3 Push-to-Talk Half duplex voice service in cellular network environment that allows one-to-one or one-to-many group communication within a service area  PTT requires instantaneous set up times  PTT is based on SIP signaling which is already delay intensive  PTT supports one-to-many group communication  PTT server sends multiple copies of each packet – one to every group member  Contributes to congestion  Buffering at AGW increases delay  Extra delay: 2 x delay AN-AGW For PTT it is essential to buffer at the RAN  Keep set up times and amount of signaling over the backhaul low

4 Alignment with Other Standards Align with HRPD  Buffering in the RAN is an approach used and tested in HRPD  The PDSN is not aware if AT active/dormant –Idle mode buffering is done in the RAN  The incoming data is always sent via A10 connection  If decision is made to develop a paging strategy that works over different technologies alignment on idle mode buffering is important  Align with 2G (GPRS) and 3G (UMTS) 3GPP networks Align with WiMAX and LTE  Buffering in the ASN-GW (SAE-GW) is an approach accepted in WiMax (LTE)

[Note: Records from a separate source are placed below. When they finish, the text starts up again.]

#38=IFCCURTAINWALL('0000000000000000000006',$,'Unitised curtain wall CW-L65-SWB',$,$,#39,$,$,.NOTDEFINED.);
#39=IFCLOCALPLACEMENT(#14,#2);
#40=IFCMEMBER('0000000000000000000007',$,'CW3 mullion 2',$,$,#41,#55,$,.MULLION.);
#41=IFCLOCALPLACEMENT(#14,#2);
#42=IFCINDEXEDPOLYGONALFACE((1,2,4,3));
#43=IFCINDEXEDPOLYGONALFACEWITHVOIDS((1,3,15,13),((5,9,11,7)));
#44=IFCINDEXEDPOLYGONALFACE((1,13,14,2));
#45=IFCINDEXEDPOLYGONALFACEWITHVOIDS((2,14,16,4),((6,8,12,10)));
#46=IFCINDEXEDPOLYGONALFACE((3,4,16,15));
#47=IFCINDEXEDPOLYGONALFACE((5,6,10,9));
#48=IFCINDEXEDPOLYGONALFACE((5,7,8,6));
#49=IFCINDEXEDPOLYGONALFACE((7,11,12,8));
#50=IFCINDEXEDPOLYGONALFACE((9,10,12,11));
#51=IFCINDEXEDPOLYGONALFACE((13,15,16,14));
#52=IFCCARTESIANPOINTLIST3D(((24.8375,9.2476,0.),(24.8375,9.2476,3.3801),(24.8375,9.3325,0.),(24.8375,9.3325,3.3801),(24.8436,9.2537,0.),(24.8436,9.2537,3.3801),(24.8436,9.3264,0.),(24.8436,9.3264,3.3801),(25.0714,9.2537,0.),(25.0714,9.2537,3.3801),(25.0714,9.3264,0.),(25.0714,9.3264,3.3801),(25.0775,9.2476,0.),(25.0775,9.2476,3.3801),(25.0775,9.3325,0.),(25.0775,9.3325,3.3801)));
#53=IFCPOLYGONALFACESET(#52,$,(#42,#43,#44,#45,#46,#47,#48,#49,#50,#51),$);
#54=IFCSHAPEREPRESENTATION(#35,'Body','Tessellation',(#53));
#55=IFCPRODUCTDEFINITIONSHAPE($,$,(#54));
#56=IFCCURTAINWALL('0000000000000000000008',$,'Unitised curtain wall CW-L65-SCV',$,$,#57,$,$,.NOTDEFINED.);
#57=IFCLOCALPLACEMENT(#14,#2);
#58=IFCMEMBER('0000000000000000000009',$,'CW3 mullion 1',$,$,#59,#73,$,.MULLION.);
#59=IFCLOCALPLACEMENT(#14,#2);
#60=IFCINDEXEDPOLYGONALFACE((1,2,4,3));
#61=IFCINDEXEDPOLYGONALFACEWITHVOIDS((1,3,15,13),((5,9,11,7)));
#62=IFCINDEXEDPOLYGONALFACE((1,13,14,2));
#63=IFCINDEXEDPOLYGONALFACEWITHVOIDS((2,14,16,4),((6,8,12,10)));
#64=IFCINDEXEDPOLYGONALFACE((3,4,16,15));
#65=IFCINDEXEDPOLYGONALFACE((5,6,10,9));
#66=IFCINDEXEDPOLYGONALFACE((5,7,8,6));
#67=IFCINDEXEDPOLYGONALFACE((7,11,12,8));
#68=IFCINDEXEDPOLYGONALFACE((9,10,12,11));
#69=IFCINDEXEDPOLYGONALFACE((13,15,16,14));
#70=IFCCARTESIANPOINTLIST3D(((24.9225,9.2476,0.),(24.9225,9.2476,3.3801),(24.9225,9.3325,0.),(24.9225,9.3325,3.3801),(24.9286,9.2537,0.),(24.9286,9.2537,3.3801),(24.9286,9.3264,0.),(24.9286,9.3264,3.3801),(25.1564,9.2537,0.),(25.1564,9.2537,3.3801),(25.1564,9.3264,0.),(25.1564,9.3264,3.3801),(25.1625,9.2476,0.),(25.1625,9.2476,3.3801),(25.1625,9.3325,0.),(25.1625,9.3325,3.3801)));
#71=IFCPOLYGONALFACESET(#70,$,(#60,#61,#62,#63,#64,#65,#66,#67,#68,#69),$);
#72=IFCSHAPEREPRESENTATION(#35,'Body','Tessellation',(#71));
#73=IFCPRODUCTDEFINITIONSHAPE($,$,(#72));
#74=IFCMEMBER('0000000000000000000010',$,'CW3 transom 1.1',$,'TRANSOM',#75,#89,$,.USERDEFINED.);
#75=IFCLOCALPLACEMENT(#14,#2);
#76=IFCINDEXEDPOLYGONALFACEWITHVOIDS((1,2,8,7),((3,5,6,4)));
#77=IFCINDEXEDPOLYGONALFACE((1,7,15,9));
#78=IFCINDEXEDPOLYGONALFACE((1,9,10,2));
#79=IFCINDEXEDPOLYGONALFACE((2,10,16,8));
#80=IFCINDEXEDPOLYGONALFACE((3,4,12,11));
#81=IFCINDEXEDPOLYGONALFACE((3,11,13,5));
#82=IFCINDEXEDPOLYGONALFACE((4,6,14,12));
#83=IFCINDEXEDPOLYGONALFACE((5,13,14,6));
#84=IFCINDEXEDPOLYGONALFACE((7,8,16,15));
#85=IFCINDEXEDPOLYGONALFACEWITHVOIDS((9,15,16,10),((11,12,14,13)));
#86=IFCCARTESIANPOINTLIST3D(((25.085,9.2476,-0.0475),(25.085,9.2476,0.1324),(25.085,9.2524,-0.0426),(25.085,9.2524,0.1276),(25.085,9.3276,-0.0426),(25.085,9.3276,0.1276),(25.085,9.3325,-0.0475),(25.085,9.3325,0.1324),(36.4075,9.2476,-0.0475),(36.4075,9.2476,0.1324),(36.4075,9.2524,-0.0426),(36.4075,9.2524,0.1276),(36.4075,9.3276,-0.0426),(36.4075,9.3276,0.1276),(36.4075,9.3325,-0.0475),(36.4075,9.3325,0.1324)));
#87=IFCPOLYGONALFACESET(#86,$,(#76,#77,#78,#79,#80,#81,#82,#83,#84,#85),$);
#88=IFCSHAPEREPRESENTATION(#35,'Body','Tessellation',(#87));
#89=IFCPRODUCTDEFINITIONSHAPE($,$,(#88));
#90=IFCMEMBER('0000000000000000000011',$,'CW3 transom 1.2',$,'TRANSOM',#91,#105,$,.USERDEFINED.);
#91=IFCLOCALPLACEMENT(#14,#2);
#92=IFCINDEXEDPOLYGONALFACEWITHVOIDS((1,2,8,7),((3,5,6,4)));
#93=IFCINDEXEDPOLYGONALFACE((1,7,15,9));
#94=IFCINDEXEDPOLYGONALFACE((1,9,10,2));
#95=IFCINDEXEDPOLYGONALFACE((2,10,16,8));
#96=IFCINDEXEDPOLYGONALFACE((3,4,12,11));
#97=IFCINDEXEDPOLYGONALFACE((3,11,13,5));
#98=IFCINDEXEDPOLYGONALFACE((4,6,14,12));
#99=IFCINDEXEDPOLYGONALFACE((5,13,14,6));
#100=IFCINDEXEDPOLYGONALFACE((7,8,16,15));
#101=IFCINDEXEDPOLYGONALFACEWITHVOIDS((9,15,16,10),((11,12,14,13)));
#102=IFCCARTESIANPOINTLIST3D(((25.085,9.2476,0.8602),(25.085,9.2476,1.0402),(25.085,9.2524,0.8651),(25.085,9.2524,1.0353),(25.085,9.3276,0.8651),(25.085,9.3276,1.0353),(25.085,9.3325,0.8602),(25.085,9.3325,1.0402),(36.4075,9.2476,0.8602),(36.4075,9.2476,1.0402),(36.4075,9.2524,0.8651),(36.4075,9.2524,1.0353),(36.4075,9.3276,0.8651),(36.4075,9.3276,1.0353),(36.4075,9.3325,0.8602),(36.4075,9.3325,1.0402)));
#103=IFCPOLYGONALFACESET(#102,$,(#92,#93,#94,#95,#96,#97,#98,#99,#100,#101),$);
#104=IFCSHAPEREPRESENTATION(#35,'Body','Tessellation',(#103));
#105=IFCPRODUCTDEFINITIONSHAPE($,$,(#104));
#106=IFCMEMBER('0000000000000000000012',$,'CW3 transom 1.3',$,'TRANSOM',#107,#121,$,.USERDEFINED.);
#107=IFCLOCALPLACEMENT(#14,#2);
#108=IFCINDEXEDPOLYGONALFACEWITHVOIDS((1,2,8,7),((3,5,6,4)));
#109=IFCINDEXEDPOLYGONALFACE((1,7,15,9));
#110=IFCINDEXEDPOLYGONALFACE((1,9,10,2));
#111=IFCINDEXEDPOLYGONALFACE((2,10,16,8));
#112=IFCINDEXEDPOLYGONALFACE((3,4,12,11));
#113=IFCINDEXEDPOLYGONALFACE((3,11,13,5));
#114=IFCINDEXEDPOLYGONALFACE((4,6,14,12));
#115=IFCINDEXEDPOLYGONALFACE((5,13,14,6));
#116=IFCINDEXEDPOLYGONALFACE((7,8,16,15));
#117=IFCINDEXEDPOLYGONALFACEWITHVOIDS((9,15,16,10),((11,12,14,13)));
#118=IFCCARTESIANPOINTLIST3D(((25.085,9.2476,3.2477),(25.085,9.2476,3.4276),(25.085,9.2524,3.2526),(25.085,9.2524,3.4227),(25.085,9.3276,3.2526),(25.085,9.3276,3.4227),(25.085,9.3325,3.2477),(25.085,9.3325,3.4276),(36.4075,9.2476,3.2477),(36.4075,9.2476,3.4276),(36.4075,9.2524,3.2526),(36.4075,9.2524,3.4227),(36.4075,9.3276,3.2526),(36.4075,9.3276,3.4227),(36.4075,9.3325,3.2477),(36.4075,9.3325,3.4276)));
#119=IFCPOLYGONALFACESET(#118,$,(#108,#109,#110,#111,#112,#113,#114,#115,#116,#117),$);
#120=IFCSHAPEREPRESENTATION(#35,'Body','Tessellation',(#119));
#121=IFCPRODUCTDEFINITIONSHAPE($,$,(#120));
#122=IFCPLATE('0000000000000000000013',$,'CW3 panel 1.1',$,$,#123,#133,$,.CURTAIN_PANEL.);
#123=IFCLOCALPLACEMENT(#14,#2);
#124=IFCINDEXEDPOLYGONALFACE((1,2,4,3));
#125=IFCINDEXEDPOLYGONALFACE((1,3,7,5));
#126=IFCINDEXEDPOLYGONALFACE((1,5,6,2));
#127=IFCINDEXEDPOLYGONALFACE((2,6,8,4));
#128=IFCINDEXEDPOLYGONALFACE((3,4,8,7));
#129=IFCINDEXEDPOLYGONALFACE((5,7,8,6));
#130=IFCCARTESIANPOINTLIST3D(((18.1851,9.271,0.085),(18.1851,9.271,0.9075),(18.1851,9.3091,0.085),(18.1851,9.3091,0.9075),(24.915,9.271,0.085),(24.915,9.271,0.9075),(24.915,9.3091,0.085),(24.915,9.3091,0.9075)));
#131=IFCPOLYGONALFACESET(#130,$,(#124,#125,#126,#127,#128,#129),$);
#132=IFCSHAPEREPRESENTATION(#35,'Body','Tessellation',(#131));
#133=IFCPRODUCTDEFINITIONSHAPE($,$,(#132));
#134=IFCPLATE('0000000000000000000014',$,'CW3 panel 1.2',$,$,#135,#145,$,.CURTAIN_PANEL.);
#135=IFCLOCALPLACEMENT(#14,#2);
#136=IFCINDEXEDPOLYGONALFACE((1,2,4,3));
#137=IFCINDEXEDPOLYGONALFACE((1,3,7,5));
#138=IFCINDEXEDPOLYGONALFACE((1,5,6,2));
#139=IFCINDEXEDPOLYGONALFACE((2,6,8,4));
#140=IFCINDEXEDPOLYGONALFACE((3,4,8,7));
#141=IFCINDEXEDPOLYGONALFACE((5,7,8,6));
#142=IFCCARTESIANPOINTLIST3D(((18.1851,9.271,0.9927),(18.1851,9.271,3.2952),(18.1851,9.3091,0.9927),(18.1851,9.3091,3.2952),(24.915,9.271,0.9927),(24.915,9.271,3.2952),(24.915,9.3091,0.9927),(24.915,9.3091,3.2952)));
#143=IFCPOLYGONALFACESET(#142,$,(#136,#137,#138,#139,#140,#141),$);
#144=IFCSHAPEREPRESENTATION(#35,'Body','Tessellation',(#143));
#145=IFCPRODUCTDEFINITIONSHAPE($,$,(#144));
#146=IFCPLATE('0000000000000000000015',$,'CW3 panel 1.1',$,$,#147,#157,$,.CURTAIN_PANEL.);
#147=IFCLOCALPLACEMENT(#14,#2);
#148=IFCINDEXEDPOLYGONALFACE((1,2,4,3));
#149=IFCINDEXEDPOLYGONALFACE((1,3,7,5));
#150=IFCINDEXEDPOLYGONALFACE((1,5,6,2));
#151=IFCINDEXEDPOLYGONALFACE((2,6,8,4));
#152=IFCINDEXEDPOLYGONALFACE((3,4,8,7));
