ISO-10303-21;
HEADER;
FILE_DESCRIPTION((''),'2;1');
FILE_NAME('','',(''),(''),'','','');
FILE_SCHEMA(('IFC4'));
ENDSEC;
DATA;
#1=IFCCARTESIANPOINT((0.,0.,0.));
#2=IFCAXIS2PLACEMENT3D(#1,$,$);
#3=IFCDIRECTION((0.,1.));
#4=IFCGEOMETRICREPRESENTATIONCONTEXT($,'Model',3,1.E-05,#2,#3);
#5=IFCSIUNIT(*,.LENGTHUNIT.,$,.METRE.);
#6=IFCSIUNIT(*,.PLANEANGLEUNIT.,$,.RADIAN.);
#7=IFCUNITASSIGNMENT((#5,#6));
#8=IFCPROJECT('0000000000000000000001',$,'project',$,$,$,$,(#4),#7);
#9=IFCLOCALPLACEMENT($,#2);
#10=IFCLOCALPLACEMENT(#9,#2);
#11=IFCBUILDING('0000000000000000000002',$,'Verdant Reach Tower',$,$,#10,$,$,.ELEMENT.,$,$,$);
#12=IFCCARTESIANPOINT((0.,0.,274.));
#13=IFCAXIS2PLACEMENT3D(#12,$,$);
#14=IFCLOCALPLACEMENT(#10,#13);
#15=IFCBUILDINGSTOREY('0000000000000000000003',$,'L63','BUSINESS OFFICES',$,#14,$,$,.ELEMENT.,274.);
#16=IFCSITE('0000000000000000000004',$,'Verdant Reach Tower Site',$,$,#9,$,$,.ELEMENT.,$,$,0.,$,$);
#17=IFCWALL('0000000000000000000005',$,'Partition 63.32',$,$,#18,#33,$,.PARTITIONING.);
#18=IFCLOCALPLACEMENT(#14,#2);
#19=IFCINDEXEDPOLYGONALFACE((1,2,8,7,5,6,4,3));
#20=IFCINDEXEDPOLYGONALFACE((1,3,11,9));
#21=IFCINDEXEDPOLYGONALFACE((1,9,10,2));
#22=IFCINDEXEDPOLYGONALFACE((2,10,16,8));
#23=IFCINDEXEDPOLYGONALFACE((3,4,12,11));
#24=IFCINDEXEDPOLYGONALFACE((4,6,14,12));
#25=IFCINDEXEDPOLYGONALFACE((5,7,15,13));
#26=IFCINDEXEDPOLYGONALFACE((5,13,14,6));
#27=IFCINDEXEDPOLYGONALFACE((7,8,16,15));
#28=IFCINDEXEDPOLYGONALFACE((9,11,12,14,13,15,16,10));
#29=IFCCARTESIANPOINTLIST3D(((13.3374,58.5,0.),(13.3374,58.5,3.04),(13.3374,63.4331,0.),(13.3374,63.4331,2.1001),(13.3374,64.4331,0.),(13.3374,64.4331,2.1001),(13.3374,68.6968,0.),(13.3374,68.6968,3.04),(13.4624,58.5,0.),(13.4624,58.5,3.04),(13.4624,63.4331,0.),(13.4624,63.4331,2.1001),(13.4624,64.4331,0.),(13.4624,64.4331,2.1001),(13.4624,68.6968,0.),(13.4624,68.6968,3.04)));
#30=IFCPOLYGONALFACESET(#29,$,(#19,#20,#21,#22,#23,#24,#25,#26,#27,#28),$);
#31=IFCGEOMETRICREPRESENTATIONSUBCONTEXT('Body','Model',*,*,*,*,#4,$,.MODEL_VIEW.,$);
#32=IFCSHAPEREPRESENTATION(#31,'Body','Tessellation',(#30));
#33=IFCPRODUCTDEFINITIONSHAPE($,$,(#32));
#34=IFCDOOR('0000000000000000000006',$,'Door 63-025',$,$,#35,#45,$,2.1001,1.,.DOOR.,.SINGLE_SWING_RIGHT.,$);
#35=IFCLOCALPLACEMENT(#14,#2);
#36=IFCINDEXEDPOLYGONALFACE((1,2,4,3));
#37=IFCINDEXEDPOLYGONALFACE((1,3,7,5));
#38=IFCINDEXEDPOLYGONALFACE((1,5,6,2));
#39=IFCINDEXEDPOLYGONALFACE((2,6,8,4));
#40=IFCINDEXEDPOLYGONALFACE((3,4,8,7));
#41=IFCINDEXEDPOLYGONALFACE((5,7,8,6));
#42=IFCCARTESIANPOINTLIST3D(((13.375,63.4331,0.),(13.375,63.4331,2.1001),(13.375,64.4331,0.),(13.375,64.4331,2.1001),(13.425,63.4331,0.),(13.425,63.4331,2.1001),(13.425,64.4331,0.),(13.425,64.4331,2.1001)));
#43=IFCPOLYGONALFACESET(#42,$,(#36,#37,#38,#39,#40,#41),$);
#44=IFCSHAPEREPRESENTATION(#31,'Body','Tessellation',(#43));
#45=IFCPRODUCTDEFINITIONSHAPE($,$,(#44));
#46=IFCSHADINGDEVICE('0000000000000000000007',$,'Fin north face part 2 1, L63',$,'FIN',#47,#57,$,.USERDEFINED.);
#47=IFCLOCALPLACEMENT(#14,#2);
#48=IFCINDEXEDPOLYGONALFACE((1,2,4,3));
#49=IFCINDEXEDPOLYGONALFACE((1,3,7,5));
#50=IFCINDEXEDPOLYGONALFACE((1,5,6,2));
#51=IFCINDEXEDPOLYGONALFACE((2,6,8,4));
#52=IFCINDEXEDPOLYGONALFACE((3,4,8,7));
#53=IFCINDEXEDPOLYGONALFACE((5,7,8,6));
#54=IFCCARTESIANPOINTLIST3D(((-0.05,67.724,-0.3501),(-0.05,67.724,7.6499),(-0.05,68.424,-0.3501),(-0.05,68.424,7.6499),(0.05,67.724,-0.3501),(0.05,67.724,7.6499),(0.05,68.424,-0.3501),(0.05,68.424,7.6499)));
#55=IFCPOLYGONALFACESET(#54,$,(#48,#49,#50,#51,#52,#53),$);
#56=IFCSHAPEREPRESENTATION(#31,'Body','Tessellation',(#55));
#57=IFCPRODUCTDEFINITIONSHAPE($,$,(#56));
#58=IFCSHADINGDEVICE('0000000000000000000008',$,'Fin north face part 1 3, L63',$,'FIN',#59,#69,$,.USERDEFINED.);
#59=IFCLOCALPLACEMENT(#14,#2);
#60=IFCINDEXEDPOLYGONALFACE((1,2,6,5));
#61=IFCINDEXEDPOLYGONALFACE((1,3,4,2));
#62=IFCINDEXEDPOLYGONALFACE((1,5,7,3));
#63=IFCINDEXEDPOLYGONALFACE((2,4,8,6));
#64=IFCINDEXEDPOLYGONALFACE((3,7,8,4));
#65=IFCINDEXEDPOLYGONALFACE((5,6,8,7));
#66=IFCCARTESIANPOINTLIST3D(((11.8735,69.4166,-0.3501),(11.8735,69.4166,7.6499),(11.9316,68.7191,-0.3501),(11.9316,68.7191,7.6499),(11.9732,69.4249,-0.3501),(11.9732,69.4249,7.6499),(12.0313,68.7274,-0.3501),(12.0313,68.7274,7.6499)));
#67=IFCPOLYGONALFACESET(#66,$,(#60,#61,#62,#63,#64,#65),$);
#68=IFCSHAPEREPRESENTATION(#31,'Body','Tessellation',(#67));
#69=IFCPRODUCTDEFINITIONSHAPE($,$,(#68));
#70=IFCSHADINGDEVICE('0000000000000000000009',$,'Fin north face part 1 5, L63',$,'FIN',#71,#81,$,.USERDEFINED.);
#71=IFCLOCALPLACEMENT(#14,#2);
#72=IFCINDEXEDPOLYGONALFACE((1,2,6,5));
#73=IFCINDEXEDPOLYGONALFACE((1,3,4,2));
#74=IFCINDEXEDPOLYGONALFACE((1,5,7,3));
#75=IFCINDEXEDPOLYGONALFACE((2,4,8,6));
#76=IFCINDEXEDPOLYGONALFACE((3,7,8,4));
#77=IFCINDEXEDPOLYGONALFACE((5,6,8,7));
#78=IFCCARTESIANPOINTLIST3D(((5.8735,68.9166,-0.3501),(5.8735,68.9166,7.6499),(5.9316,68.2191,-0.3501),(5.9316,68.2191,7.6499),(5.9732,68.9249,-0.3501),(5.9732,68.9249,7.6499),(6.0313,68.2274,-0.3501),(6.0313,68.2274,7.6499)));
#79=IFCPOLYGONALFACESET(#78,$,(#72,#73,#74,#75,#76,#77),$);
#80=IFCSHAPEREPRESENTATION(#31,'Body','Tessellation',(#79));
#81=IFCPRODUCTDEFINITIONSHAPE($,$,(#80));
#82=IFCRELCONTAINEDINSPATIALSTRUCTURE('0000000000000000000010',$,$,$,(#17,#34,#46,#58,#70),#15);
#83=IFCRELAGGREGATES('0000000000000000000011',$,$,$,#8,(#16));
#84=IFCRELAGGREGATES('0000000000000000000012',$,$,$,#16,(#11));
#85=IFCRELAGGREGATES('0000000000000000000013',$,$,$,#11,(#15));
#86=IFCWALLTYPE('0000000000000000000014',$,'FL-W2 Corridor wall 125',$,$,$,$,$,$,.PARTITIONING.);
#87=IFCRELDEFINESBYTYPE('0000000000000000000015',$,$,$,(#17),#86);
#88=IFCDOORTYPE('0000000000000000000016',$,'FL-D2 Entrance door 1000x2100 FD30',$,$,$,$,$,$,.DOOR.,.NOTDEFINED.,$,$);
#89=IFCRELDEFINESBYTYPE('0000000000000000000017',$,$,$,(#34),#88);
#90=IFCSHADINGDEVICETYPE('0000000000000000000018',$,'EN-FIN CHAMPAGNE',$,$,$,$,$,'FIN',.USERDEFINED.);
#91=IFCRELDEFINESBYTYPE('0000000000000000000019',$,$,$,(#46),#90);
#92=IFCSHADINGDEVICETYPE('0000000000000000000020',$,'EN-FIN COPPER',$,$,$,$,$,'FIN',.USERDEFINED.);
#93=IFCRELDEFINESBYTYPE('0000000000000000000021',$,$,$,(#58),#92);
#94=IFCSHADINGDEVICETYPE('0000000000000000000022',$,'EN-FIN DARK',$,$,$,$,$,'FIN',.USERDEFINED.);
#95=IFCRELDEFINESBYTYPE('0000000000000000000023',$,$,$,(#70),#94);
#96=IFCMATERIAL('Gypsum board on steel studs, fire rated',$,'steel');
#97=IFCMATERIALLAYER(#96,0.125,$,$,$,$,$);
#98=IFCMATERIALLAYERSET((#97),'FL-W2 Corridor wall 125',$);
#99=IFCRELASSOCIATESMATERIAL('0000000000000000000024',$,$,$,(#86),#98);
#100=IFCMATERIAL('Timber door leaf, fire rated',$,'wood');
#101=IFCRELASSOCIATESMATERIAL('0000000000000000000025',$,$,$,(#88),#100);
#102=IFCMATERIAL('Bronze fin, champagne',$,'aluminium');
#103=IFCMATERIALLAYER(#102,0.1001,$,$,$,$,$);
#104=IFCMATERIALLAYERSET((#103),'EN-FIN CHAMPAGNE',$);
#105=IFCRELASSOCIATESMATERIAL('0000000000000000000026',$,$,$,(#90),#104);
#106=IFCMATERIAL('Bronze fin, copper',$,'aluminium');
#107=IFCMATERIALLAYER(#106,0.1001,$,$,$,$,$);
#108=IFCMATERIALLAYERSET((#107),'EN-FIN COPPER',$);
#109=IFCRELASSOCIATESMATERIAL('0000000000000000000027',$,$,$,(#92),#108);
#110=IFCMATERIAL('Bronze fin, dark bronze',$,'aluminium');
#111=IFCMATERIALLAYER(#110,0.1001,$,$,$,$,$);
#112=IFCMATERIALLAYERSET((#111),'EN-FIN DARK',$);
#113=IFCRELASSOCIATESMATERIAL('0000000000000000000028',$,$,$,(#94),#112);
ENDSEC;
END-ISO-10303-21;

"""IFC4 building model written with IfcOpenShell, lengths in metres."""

from ifc_helpers import new_model, si_unit, direction, frame, frame_2d, origin, origin_2d, place, context, subcontext, project, spatial, rectangle, extrude, material, layer, layer_set, type_object, element, fill, save


model = new_model("IFC4")

# Units and contexts
model_context = context("Model", 3, precision=1e-05, world=origin(), true_north=direction((0.0, 1.0)))
body_context = subcontext(model_context, "Body", "Model", "MODEL_VIEW")
ifc_project = project(units=[si_unit("LENGTHUNIT", "METRE"), si_unit("PLANEANGLEUNIT", "RADIAN")], contexts=[model_context])

# Site, building, storey
site_placement = place(None, origin())
site = spatial("IfcSite", under=ifc_project, at=site_placement, Name="Verdant Reach Tower Site", CompositionType="ELEMENT", RefElevation=0.0)
building_placement = place(site_placement, origin())
building = spatial("IfcBuilding", under=site, at=building_placement, Name="Verdant Reach Tower", CompositionType="ELEMENT")
storey_placement = place(building_placement, frame((0.0, 0.0, 274.0)))
storey = spatial("IfcBuildingStorey", under=building, at=storey_placement, Name="L63", Description="BUSINESS OFFICES", CompositionType="ELEMENT", Elevation=274.0)

# Wall, opening, door
ifc_material_1 = material(Name="Gypsum board on steel studs, fire rated", Category="steel")
ifc_layer_1 = layer(ifc_material_1, 0.125)
ifc_layer_set_1 = layer_set([ifc_layer_1], Name="FL-W2 Corridor wall 125")
wall_type_1 = type_object("IfcWallType", Name="FL-W2 Corridor wall 125", PredefinedType="PARTITIONING", material=ifc_layer_set_1)
ifc_material_2 = material(Name="Timber door leaf, fire rated", Category="wood")
door_type = type_object("IfcDoorType", Name="FL-D2 Entrance door 1000x2100 FD30", OperationType="NOTDEFINED", PredefinedType="DOOR", material=ifc_material_2)
wall_1_placement = place(storey_placement, frame((13.3999, 58.5, 0.0), z_axis=(0.0, 0.0, 1.0), x_axis=(0.0, 1.0, 0.0)))
wall_1 = element("IfcWall", 1, at=wall_1_placement, inside=storey, type_object=wall_type_1, Name="Partition 63.32", PredefinedType="PARTITIONING", context=body_context, shape_type="SweptSolid", body=[
    extrude(rectangle(XDim=10.1968, YDim=0.125, at=frame_2d((5.0984, 0.0))), origin(), (0.0, 0.0, 1.0), 3.04),
])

5 Race Conditions Buffering at AGW introduces numerous race conditions Example: AGW believes AT is active while instead AT is idle  Two options  Sender needs to retransmit –Increases delay – for some applications can be unacceptable  RAN does buffering and paging –Greatly improved delay and efficiency

6 Network Architecture For certain deployments buffering in the RAN significantly reduces paging delay and signaling overhead Example: Home femtocells  If a user is last registered in a particular femtocell it is highly likely that it remains in the coverage of that femtocell  Idle mode buffering in the RAN  Significantly reduces delay  Significantly reduces amount of signaling

7 Scalability Scalability imposes a severe problem for AGW  AGW need to support possibly millions of users  Number of users is not likely to grow rapidly  Amount of user’s data is expected to grow rapidly  Devise solutions that keep AGW as simple as possible Handling idle mode buffering and paging in the RAN allows for better scalability

8 Intelligent Paging Strategies QoS Paging  Adds capability to specify different paging strategies for different QoS flows  “Best Effort” vs. VoIP vs. PTT  Allows trade-off of paging effectiveness, efficiency, and latency for different applications  Enables priority paging  Ability to order the paging messages within the control channel queue based on an assigned priority  Relies on the knowledge of subscription information (QoS profile) of the incoming page If idle mode buffering is done at the AGW, AGW needs to ‘learn’ about QoS paging

9 Intelligent Paging Strategies – Examples PTT  Aggressively page a large area on the initial page to increase likelihood of finding the AT on the 1 st attempt  Inefficient use of control channel resources is a tradeoff to provide high QoS  Make 2 nd Page attempt after a relatively short interval  Abandon paging after a few seconds, since the application server waits for a response only a short interval Best Effort  Initial page can only cover the area where the likelihood of finding the AT is largest  Subsequent page attempts can cover an expanded area to increase effectiveness

10 Future Changes to the Air-Interface What if AT modes defined in air-interface spec change in future?  If only AGW is doing buffering  Change in the air-interface spec will affect AGW  If option to do buffering in both RAN and AGW  Opens a possibility to make changes to the air-interface spec without any effect on AGW

11 Recommendation Discuss and adopt buffering in the RAN as an option necessary to support various features efficiently, and offering observable benefits.